Note: Please feel free to edit this scenario to improve its ability to be a meaningful strategic planning tool. We do request you retain the major thrust of the original scenario, but if that is too constraining, by all means develop a new scenario using one of the blanks on the scenario main page.


This scenario provides an illustration of how robust economic growth over the next 15 years could reshape the globalization process—giving it a more non-Western face. It is depicted in the form of a hypothetical letter from the head of the World Economic Forum to a former US Federal Reserve chairman on the eve of the annual Davos meeting in 2020. Under this scenario, the Asian giants as well as other developing states continue to outpace most “Western‿ economies, and their huge, consumer-driven domestic markets become a major focus for global business and technology. Many boats are lifted, but some founder. Africa does better than one might think, while some medium-sized emerging countries are squeezed. Western powers, including the United States, have to contend with job insecurity despite the many benefits to be derived from an expanding global economy. Although benefiting from energy price increases, the Middle East lags behind and threatens the future of globalization. In addition, growing tensions over Taiwan may be on the verge of triggering an economic meltdown. At the end of the scenario, we identify some lessons to be drawn from our fictional account, including the need for more management by leaders lest globalization slip off the rails. The original and full scenario for Davos World can be explored at the National Intelligence Council web page.
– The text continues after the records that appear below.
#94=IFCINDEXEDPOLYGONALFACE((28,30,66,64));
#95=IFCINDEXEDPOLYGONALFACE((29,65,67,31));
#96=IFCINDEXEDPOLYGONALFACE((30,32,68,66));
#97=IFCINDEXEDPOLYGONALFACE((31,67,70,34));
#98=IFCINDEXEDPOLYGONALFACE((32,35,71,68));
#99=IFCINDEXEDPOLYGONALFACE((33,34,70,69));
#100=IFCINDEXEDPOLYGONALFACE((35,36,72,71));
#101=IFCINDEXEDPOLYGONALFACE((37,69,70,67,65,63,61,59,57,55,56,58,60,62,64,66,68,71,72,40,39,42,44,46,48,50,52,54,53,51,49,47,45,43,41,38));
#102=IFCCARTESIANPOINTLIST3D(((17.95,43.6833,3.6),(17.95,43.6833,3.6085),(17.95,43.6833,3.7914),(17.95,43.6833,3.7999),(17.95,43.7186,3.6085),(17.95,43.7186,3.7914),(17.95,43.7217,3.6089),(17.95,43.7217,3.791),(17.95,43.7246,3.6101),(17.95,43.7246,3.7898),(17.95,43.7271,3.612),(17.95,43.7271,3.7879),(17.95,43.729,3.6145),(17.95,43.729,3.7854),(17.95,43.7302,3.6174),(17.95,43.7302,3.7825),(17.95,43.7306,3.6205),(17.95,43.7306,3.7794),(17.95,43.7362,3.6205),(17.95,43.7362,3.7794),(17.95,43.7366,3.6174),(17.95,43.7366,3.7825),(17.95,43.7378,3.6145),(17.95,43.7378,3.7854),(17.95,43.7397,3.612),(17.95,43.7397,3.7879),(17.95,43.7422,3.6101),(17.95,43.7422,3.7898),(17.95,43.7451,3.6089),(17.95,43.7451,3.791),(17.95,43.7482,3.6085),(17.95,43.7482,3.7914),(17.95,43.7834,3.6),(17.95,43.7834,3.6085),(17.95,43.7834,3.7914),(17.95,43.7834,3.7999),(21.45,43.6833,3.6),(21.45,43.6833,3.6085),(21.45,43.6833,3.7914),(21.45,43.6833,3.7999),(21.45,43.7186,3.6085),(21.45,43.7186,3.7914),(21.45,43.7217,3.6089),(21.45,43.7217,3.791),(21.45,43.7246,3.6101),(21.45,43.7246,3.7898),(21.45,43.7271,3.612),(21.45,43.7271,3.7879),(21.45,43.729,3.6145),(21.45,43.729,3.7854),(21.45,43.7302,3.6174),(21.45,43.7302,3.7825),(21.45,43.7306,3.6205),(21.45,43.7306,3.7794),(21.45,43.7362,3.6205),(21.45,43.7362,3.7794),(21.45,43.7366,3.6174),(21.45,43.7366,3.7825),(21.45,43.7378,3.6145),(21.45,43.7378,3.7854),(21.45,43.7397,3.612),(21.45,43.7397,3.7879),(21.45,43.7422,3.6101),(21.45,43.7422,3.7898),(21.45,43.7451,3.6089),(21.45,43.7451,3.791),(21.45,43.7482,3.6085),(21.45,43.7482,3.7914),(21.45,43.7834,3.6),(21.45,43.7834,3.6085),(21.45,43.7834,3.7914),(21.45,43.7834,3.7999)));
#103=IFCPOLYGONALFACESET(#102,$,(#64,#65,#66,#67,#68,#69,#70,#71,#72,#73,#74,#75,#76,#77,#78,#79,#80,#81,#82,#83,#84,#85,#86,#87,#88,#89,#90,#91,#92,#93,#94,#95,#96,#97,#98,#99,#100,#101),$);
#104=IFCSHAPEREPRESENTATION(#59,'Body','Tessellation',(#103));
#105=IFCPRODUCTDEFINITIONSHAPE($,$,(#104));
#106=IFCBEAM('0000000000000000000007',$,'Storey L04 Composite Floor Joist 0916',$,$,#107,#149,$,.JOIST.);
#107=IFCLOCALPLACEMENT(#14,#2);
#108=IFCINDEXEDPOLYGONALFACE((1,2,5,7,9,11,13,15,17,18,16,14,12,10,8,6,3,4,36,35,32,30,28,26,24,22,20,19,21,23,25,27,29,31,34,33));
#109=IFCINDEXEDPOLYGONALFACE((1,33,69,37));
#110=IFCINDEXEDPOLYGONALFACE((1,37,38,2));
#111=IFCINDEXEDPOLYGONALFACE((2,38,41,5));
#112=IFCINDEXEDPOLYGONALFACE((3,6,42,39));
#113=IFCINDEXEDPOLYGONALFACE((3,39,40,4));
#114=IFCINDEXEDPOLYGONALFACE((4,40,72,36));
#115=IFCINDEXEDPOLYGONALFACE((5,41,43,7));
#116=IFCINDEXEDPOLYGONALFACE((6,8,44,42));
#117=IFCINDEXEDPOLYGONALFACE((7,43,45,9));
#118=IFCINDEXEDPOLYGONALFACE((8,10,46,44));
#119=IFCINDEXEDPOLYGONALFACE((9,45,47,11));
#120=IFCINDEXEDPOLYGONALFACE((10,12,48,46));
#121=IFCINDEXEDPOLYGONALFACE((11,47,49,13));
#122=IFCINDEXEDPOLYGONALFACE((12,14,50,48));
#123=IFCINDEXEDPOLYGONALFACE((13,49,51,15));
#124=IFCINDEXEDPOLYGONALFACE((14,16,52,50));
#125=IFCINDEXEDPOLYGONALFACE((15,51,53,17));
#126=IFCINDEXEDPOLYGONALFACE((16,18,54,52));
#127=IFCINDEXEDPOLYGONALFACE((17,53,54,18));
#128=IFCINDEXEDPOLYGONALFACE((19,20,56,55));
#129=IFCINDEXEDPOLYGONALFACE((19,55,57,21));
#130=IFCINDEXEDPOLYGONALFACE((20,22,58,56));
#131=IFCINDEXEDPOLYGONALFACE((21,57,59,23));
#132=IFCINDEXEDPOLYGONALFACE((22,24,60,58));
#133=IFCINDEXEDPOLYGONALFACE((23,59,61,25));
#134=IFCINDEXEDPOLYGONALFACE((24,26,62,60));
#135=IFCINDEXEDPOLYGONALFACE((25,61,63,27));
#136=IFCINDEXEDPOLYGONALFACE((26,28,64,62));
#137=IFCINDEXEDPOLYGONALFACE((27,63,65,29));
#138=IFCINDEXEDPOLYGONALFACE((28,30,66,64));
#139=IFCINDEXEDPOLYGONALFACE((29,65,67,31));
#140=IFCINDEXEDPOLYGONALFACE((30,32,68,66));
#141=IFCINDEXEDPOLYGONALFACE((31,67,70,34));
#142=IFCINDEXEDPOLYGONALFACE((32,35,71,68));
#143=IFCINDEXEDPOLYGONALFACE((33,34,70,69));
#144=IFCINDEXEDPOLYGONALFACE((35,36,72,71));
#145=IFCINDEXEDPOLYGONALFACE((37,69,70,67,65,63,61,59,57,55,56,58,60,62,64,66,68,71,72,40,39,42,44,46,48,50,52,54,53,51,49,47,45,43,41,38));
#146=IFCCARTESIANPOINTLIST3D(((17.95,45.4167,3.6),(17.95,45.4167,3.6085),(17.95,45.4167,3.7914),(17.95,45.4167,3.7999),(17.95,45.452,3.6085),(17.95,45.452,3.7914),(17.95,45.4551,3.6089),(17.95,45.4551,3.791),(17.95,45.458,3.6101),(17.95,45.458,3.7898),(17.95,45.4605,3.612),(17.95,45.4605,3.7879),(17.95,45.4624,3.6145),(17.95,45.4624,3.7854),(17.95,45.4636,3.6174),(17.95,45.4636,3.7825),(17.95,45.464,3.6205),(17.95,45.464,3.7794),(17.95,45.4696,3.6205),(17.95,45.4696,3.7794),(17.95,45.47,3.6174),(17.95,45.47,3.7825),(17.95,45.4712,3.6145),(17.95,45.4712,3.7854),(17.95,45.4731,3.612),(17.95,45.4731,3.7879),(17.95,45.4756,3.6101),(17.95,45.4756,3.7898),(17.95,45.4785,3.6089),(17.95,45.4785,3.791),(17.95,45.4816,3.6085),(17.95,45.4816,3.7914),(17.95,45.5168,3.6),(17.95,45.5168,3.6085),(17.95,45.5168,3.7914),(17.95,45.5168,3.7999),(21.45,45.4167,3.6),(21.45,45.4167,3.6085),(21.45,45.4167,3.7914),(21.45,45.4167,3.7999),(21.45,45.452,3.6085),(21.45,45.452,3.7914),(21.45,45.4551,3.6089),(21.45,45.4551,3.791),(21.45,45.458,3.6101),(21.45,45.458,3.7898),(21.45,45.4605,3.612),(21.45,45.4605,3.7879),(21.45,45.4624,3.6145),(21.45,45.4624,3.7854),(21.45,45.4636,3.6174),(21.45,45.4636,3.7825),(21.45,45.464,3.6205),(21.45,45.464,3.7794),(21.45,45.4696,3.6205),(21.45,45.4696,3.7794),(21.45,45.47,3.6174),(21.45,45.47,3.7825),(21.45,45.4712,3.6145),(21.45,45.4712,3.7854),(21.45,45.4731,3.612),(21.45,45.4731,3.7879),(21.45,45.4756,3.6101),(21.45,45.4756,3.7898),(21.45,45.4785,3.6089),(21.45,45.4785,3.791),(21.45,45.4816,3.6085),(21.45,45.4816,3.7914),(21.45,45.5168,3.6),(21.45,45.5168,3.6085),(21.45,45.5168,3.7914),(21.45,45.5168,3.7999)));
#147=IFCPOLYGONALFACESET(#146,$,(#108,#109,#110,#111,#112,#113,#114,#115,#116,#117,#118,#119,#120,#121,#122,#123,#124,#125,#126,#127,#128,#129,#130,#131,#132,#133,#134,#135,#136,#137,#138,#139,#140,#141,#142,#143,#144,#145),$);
"Lessons Learned" This scenario illustrates the vast changes that would be likely to result from continued robust economic growth and the stresses and strains that could derail it.

  • Growth in Asian markets would force domestic adjustments on the US and other Western countries that would need to be managed.
  • If the global trading system became more integrated and complicated, it would be important to bring China, India and other emerging states more inside the tent, but this would require patience and potential trade-offs.
  • It is unlikely that the system would be self-regulating. A strong global economy, for example, would not lead automatically to a resolution of crises like Taiwan.